Discussion forum for David Beazley

Die Threads - EuroPython 2018


#1

I just thought I would post a few followup thoughts on my “Die Threads” keynote from EuroPython 2018. A screencast is available here:

https://www.youtube.com/watch?v=U66KuyD3T0M

The interaction between async and threads is a topic that I have been exploring for a few years now, primarily in the context of the Curio project (https://github.com/dabeaz/curio). In the talk, I presented a library “thredo” (https://github.com/dabeaz/thredo) that supported a variety of features such as thread groups, thread cancellation, queues, and various magic not normally associated with threads. In reality, this was Curio in disguise–in particular, an application of Curio’s “Async Thread” feature.

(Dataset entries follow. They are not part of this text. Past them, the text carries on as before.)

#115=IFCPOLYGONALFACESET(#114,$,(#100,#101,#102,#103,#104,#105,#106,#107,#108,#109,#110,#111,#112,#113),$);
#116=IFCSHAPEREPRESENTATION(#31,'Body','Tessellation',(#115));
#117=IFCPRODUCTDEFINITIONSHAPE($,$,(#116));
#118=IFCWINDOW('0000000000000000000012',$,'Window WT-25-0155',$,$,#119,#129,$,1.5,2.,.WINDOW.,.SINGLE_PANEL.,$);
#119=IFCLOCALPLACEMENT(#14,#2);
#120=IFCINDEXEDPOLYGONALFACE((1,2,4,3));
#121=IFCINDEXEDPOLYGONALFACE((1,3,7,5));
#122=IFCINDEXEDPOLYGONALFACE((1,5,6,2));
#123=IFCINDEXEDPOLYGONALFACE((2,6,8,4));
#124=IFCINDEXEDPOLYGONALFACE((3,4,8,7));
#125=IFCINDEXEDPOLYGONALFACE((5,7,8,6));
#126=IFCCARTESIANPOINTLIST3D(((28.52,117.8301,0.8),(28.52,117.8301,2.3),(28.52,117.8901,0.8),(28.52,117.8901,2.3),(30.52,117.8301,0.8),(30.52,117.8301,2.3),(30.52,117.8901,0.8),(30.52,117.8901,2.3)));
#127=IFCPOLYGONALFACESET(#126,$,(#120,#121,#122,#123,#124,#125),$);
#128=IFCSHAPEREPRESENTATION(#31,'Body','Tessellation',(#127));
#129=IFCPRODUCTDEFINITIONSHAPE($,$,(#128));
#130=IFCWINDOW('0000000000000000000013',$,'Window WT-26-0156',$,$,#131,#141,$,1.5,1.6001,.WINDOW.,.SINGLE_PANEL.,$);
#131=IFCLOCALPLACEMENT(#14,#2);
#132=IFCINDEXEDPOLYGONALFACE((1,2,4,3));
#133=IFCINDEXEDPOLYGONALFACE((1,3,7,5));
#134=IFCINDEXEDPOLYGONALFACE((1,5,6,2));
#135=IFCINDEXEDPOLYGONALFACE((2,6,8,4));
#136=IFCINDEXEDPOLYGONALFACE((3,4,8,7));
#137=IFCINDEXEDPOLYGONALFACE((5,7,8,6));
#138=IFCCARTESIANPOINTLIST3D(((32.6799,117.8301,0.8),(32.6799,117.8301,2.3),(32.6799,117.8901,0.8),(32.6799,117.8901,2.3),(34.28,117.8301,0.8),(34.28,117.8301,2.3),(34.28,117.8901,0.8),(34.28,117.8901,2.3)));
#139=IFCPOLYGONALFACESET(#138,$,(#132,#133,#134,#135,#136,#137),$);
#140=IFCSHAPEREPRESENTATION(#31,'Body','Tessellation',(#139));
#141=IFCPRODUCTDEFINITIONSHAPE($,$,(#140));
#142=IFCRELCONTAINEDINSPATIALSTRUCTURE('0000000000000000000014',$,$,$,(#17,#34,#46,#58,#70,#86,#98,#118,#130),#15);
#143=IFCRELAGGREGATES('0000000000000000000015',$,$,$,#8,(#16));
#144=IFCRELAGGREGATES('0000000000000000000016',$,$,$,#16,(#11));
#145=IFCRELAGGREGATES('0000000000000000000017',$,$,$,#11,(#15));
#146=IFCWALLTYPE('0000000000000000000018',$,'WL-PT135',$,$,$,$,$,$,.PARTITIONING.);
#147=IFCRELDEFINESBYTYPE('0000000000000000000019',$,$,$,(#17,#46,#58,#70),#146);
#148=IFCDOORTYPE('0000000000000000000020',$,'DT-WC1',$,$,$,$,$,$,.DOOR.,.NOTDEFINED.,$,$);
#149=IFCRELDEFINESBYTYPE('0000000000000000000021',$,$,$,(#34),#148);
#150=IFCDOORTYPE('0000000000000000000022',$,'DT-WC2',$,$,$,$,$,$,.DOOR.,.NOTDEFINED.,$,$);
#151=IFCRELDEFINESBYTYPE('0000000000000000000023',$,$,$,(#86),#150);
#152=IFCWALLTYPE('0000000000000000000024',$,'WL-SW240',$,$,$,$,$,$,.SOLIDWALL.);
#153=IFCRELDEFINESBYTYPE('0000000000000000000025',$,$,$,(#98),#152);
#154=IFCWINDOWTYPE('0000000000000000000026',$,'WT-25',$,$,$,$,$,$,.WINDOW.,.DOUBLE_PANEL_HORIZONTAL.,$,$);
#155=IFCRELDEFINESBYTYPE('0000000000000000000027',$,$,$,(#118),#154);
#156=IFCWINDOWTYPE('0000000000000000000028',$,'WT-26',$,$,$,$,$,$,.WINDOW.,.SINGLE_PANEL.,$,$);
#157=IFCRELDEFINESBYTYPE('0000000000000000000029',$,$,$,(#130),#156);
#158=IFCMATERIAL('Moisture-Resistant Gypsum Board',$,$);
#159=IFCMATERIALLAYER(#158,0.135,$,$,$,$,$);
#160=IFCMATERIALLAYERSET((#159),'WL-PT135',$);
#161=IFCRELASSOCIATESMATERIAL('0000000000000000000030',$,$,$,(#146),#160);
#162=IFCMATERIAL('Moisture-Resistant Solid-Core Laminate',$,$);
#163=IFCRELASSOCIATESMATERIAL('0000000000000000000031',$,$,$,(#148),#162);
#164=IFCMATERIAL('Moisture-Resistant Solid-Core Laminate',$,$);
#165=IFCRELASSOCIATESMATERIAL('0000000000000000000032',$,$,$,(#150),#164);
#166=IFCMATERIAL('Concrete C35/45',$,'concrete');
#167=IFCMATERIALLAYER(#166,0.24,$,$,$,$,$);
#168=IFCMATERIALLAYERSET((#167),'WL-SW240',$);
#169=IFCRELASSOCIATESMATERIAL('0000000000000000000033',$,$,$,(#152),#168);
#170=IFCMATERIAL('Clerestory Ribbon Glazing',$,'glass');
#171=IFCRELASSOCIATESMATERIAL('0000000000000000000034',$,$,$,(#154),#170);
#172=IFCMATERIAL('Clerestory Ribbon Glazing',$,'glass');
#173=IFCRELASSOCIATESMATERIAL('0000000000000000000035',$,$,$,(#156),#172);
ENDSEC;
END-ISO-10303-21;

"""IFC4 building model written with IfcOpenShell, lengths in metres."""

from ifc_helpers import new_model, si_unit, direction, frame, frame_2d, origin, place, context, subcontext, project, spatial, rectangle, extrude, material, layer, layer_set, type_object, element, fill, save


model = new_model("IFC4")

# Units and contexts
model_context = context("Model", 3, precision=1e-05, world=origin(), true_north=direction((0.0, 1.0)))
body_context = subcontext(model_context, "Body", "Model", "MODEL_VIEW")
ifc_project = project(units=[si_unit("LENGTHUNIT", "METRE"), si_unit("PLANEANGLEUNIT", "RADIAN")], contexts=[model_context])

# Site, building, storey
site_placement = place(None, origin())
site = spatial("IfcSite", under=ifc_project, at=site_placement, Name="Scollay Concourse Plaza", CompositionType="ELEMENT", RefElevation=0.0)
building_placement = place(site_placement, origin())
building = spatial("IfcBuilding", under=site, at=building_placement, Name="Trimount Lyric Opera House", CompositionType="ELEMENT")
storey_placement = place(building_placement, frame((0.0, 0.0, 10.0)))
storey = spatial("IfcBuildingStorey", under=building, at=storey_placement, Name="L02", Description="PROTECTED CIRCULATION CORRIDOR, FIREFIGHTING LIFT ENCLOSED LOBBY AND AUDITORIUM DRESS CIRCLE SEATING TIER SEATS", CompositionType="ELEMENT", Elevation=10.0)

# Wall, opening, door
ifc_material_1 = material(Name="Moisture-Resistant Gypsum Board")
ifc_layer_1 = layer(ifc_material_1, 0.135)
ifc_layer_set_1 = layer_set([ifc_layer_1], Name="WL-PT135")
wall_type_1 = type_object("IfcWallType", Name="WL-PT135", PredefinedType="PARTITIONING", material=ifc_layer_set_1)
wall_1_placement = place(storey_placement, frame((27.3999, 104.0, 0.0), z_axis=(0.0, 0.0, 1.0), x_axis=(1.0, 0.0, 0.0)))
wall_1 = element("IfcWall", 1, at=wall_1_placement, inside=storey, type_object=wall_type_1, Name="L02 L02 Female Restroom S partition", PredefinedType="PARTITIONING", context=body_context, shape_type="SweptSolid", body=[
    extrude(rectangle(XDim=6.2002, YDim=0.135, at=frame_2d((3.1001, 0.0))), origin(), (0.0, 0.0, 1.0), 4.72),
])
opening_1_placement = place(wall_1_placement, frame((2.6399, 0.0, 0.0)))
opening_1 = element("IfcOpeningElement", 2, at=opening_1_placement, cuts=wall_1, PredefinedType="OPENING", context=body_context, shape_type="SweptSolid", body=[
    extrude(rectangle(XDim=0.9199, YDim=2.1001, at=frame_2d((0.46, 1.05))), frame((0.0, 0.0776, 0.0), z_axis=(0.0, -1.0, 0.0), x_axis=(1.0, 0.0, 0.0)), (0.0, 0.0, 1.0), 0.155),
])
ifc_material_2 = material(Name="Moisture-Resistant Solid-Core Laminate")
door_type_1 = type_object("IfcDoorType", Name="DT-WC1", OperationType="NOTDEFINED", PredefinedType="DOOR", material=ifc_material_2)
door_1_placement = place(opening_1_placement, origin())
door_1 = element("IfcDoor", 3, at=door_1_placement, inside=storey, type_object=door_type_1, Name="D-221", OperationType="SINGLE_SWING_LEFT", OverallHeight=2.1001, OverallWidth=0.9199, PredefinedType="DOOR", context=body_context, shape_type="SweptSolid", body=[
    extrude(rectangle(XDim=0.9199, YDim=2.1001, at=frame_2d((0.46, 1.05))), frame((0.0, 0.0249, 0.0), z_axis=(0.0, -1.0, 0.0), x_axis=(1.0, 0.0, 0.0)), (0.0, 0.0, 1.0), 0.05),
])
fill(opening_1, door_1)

You can read quite a bit about Curio, threads, and async/thread interaction at https://curio.readthedocs.io/en/latest/devel.html#programming-with-threads. In particular, pay close attention to the part about “Asynchronous Threads”. You’ll find that the “thredo” library is a tiny layer on top of this. For example, the thredo run() function merely sets up an execution environment and launches into a thread like this:

def run(callable, *args):
    async def _runner():
        t = await curio.spawn(curio.thread.thread_handler)
        try:
            async with curio.spawn_thread():
                return callable(*args)
    finally:
            await t.cancel()
    return curio.run(_runner)

Likewise, if you look at the implementation of something like the thredo.Queue object (used in the talk), it looks like this:

class Queue(object):
    def __init__(self, maxsize=0):
        self._queue = curio.Queue(maxsize)

    def empty(self):
        return self._queue.empty()

    def full(self):
        return self._queue.full()

    def get(self):
        return AWAIT(self._queue.get)

    def join(self):
        return AWAIT(self._queue.join)

    def put(self, item):
        return AWAIT(self._queue.put, item)

    def qsize(self):
        return self._queue.qsize()

    def task_done(self):
        return AWAIT(self._queue.task_done)

There is no real “implementation” here. It’s purely an abstraction layer on top of curio.Queue with some magic AWAIT functions thrown in for good measure. What’s AWAIT you ask? It delegates the operation over to the async event loop. There are some fiddly bits involved there, but behind the scenes, every real thread has a backing coroutine with which it communicates. That coroutine is responsible for managing blocking, but also other aspects of thread-async interaction (i.e., communicating requests, getting results, handling cancellation, etc.). All of this is really the whole nugget of the idea presented in the talk–that you can build a threading library where blocking operations are handled in an async library as opposed to blocking in the operating system kernel. By blocking in an async library in this way, you get all of the fancy new magic like task groups, cancellation, and more. AWAIT is what enables that on the thread side.

Although thredo is implemented on Curio, there’s no real reason why you couldn’t make something similar work on other async libraries. The key concept that if a thread is going to block, you just make sure it happens on an async event loop, not in the OS. In other words, if you want make a “modern” thread library, you’d implement it on top of async, because, well, of course you would!